江砚白莞尔,不用回头都能想像出她现在的得意,轻笑一声,「沈娘子聪慧过人。」
他们脚步未停,只是因为实在太暗走得不算快。江砚白一马当先,忽然火把照到了什么,他停了下来,转身想与她说些什么。
「等……」
沈鱼没有及时停下脚步,扑进了他的怀里,温热的气息瞬间包裹了她的全身,因是站着的,脑袋撞上了他的下巴。
沈鱼听到一声闷哼。
她问,「江少卿,没事吧?」
江砚白低头揉了揉,「无妨。」
「你停下来做什么?」
江砚白将火把举得远了些,暖黄色的光照出一个矮小的门来,「那就是冰室的门。」
「里头有东西?」
江砚白没有回答,只是低声道,「你站在这儿别动,我去去就来。」
「不要,就一个火把,你走了我就看不见了。」沈鱼思忖道,刚才就应该准备两个火把的,她听见他似乎轻笑了下。
「算了,你跟紧些,等会儿无论看到什么,都不要害怕。」江砚白看着她,说得认真。
沈鱼却笑,「里面难道真有妖魔鬼怪?」
「那倒没有。」江砚白推开了冰室的门,火光往里照去。
或明或暗间,沈鱼隐约看到了一张人脸,恰有一阵冷风灌进来,凉飕飕的,沈鱼不由得惊叫出声。
「啊——什么东西?」
沈鱼的双手环抱住了他的腰,江砚白感受到了腰上的力量,温香软玉在怀,若是换个地方他还是很愿意哄一哄怀里的小姑娘的,只是现在实在不合时宜。

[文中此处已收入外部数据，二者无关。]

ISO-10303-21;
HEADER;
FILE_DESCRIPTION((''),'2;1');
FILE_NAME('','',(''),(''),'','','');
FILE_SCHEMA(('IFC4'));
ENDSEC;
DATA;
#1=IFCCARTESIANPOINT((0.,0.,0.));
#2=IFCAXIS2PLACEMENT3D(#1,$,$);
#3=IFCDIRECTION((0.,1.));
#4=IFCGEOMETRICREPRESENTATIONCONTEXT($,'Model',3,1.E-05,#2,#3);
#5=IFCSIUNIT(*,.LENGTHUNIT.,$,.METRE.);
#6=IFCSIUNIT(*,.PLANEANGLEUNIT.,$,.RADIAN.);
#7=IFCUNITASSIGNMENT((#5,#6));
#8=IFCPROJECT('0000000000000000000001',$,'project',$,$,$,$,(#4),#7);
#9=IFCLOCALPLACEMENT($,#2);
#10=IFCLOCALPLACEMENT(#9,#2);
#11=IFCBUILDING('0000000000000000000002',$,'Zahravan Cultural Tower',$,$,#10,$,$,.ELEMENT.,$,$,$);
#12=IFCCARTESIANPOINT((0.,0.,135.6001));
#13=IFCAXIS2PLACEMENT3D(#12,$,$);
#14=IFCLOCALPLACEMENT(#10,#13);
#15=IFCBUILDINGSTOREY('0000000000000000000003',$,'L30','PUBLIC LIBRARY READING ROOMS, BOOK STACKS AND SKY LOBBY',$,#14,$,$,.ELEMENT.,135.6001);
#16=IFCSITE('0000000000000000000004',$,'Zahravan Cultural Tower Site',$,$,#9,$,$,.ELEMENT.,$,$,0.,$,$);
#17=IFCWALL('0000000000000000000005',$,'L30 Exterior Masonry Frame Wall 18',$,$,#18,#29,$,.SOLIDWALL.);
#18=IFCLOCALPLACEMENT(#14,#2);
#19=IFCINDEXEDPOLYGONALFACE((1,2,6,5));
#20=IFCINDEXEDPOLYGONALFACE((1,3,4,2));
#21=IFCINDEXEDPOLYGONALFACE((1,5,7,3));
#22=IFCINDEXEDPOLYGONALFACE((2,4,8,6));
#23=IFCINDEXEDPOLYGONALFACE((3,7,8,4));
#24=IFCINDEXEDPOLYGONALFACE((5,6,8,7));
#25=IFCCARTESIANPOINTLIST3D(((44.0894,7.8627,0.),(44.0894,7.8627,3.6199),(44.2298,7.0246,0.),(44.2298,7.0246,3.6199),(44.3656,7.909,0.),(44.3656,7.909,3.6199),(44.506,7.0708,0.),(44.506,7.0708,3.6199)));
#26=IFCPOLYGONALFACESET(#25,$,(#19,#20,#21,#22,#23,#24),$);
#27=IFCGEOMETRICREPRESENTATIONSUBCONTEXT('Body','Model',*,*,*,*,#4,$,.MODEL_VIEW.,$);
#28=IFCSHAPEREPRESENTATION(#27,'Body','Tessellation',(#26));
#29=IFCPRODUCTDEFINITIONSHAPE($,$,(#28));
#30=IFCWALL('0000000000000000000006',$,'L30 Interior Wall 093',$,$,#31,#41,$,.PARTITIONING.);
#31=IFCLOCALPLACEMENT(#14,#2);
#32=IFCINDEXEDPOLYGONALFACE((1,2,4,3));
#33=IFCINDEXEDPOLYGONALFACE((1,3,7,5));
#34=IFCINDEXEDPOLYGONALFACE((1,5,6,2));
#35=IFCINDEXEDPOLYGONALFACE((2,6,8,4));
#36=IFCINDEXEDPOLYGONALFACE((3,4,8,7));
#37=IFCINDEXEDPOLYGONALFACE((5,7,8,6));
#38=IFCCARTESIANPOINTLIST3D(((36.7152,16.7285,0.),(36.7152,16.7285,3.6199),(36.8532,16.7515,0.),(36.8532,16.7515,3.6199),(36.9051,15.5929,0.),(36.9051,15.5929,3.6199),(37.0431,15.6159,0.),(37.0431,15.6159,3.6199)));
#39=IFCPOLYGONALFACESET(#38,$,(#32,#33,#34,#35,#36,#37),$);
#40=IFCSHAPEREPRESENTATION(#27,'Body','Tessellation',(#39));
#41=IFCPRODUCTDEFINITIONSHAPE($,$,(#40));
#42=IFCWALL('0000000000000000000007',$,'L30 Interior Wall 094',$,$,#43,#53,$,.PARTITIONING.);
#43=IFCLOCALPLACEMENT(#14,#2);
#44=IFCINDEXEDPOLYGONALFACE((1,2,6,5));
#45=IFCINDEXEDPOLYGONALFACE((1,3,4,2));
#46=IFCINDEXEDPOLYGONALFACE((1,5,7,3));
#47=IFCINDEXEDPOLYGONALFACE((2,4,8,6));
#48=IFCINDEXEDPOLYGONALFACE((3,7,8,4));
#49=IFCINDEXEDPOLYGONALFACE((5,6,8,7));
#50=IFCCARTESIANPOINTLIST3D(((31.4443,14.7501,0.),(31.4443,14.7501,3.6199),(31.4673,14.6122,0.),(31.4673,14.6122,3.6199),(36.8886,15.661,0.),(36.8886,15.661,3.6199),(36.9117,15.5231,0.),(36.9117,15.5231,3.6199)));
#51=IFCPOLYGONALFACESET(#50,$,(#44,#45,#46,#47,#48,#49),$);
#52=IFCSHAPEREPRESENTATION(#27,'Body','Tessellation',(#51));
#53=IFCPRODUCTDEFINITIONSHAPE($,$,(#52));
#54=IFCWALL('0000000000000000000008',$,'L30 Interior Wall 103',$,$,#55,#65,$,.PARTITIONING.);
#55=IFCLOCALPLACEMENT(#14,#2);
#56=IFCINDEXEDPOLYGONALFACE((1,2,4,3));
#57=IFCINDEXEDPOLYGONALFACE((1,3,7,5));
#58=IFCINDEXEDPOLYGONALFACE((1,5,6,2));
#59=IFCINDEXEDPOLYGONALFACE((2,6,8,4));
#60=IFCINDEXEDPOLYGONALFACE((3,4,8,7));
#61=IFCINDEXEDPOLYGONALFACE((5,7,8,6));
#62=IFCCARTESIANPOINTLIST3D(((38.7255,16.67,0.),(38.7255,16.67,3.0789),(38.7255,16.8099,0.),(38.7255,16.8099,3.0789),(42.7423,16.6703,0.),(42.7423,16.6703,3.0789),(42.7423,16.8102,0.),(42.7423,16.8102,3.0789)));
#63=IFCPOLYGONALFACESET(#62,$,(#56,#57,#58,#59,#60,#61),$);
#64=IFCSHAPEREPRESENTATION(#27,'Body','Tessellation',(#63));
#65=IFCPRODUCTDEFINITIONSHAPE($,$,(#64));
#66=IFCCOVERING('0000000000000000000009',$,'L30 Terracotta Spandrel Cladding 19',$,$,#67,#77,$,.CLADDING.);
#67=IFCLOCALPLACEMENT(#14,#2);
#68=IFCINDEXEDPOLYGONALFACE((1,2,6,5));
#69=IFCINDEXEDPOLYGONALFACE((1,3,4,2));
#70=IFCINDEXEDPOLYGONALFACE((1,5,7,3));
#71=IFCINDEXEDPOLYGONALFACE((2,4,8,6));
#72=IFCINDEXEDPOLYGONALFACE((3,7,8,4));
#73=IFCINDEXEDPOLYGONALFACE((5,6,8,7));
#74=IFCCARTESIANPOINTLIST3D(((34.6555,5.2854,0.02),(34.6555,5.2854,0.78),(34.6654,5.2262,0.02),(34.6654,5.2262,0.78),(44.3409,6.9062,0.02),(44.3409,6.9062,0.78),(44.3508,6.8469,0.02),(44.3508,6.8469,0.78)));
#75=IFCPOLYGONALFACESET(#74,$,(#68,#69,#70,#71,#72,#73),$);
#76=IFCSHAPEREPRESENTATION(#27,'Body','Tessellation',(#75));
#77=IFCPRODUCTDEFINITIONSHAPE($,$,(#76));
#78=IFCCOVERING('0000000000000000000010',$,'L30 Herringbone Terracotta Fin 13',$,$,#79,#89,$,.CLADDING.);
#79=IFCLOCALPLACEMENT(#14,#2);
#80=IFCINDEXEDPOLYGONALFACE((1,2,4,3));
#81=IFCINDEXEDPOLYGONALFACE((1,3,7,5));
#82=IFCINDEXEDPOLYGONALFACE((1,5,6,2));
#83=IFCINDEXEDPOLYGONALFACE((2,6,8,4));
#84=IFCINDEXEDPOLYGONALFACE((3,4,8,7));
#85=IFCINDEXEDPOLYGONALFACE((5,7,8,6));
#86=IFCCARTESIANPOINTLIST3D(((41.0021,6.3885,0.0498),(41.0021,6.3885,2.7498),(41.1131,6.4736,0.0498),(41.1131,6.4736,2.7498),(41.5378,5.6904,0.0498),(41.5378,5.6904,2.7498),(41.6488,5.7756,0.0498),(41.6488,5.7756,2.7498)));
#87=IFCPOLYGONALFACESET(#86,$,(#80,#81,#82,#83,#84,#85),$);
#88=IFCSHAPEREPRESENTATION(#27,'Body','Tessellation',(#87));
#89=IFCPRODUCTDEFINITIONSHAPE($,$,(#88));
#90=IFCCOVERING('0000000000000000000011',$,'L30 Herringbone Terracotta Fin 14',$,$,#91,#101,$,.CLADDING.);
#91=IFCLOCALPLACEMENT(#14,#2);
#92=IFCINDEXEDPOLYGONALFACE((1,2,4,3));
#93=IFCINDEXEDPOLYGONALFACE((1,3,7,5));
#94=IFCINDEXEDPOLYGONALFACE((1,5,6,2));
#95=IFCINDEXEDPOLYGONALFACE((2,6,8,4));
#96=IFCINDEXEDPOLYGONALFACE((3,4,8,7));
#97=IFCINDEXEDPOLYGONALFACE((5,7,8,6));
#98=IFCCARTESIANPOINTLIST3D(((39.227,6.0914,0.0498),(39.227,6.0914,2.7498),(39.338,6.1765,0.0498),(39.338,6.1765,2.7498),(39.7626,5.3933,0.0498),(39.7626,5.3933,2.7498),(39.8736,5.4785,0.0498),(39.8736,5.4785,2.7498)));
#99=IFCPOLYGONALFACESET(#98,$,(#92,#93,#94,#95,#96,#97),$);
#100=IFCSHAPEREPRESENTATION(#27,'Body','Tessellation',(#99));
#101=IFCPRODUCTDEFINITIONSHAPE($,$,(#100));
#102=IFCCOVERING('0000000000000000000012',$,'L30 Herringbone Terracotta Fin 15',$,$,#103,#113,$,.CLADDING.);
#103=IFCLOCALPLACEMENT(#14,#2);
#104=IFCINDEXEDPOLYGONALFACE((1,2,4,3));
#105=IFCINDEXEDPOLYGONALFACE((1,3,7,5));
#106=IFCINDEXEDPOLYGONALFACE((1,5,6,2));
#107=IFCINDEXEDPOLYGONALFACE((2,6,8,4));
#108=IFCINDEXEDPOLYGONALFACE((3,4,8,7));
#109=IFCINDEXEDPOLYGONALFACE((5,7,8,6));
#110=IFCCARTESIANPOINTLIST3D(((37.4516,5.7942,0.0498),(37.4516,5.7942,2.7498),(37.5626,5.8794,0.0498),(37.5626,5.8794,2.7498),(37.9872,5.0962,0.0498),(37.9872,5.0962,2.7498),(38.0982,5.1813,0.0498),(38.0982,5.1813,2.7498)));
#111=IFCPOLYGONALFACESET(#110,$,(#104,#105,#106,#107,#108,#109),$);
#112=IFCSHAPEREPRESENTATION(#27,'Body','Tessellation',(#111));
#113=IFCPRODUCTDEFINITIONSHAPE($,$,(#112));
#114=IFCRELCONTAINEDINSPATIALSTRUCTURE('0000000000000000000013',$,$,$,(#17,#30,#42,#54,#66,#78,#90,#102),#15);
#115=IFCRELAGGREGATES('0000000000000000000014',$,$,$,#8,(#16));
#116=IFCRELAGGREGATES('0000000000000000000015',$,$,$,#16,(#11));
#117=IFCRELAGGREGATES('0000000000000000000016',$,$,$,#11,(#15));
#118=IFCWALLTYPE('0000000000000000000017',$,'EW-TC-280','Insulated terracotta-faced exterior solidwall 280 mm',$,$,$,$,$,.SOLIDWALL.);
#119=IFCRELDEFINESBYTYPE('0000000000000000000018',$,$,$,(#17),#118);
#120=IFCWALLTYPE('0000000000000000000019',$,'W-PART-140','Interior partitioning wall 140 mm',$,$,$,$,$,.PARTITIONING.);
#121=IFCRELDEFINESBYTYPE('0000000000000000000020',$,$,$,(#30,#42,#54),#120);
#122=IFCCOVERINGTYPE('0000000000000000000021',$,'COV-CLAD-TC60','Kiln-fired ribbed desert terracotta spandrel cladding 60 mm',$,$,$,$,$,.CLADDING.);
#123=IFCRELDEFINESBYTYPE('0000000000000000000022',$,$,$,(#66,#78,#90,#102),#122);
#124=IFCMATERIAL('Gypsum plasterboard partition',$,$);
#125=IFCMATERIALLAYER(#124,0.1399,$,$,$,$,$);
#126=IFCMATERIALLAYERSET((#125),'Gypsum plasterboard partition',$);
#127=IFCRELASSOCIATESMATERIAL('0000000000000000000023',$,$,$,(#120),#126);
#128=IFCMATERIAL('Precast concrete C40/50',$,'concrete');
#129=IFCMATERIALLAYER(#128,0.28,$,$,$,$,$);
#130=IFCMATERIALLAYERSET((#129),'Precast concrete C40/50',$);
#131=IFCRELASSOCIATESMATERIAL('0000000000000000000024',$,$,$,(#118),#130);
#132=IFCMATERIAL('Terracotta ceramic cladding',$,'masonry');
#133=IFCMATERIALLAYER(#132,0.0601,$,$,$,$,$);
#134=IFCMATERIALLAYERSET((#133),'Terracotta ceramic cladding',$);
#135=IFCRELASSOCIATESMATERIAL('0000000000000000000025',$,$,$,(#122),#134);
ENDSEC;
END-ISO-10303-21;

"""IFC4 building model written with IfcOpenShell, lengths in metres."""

from ifc_helpers import new_model, si_unit, direction, frame, frame_2d, origin, origin_2d, place, context, subcontext, project, spatial, rectangle, extrude, source, transform, mapped, material, layer, layer_set, type_object, element, save


model = new_model("IFC4")

# Units and contexts
model_context = context("Model", 3, precision=1e-05, world=origin(), true_north=direction((0.0, 1.0)))
body_context = subcontext(model_context, "Body", "Model", "MODEL_VIEW")
ifc_project = project(units=[si_unit("LENGTHUNIT", "METRE"), si_unit("PLANEANGLEUNIT", "RADIAN")], contexts=[model_context])

# Site, building, storey
site_placement = place(None, origin())
site = spatial("IfcSite", under=ifc_project, at=site_placement, Name="Zahravan Cultural Tower Site", CompositionType="ELEMENT", RefElevation=0.0)
building_placement = place(site_placement, origin())
building = spatial("IfcBuilding", under=site, at=building_placement, Name="Zahravan Cultural Tower", CompositionType="ELEMENT")
storey_placement = place(building_placement, frame((0.0, 0.0, 135.6001)))
storey = spatial("IfcBuildingStorey", under=building, at=storey_placement, Name="L30", Description="PUBLIC LIBRARY READING ROOMS, BOOK STACKS AND SKY LOBBY", CompositionType="ELEMENT", Elevation=135.6001)

# Shared definitions
ifc_material_1 = material(Name="Gypsum plasterboard partition")
ifc_layer_1 = layer(ifc_material_1, 0.1399)
ifc_layer_set_1 = layer_set([ifc_layer_1], Name="Gypsum plasterboard partition")
wall_type_1 = type_object("IfcWallType", Name="W-PART-140", Description="Interior partitioning wall 140 mm", PredefinedType="PARTITIONING", material=ifc_layer_set_1)

# Walls
ifc_material_2 = material(Name="Precast concrete C40/50", Category="concrete")
ifc_layer_2 = layer(ifc_material_2, 0.28)
ifc_layer_set_2 = layer_set([ifc_layer_2], Name="Precast concrete C40/50")
wall_type_2 = type_object("IfcWallType", Name="EW-TC-280", Description="Insulated terracotta-faced exterior solidwall 280 mm", PredefinedType="SOLIDWALL", material=ifc_layer_set_2)
shared_shape_1 = source(origin(), body_context, "Body", "SweptSolid", [
    extrude(rectangle(XDim=0.8499, YDim=0.28, at=frame_2d((0.4248, 0.0))), origin(), (0.0, 0.0, 1.0), 3.6199),
])
wall_1_placement = place(storey_placement, frame((44.2275, 7.8857, 0.0), z_axis=(0.0, 0.0, 1.0), x_axis=(0.165191, -0.986262, 0.0)))
element("IfcWall", 1, at=wall_1_placement, inside=storey, type_object=wall_type_2, Name="L30 Exterior Masonry Frame Wall 18", PredefinedType="SOLIDWALL", context=body_context, shape_type="MappedRepresentation", body=[
    mapped(shared_shape_1, transform((0.0, 0.0, 0.0), x_axis=(1.0, 0.0, 0.0), y_axis=(0.0, 1.0, 0.0), z_axis=(0.0, 0.0, 1.0), scale=1.0)),
])
shared_shape_2 = source(origin(), body_context, "Body", "SweptSolid", [
    extrude(rectangle(XDim=1.1514, YDim=0.1399, at=frame_2d((0.5757, 0.0))), origin(), (0.0, 0.0, 1.0), 3.6199),
])
wall_2_placement = place(storey_placement, frame((36.7842, 16.74, 0.0), z_axis=(0.0, 0.0, 1.0), x_axis=(0.164984, -0.986296, 0.0)))
element("IfcWall", 2, at=wall_2_placement, inside=storey, type_object=wall_type_1, Name="L30 Interior Wall 093", PredefinedType="PARTITIONING", context=body_context, shape_type="MappedRepresentation", body=[
    mapped(shared_shape_2, transform((0.0, 0.0, 0.0), x_axis=(1.0, 0.0, 0.0), y_axis=(0.0, 1.0, 0.0), z_axis=(0.0, 0.0, 1.0), scale=1.0)),
])
shared_shape_3 = source(origin(), body_context, "Body", "SweptSolid", [
    extrude(rectangle(XDim=5.52, YDim=0.1399, at=frame_2d((2.76, 0.0))), origin(), (0.0, 0.0, 1.0), 3.6199),
])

沈鱼的禁锢让他向前有些困难,江砚白腾出一隻手,轻拍了一下她的背,「别怕,那是个人。」
江砚白温言软语让她的理智渐渐回笼,再抬眼去看,果真是个人!如果没有看错,那人胸膛还有起伏。
是个活人!
电光火石间,沈鱼想通了,「你是为他而来。」
「是。」
「这人怎么会在这里?」知晓是个活人,沈鱼便没有那么害怕了,鬆开了抱着他腰的手,还大着胆子向那人靠近了些。
江砚白看见她的举动低眉浅笑,胆子还真是大。
黑暗中分辨不清,只能确定是个男子,他被绑在一根木桩上,呼吸声都微不可闻,已是奄奄一息了。
「出去再向你解释。」江砚白把火把交给沈鱼,解开那人身上的绳子,将人背在自己身上。
沈鱼走上前帮他调整姿势,鞋子好像踢到了什么,她捡起一看,是一块玉佩。沈鱼恍然,那个清脆的响声就是玉佩落地的声音。
地面上的人等的都心焦不已,看见江砚白从底下背了个人出来更是瞪大了眼。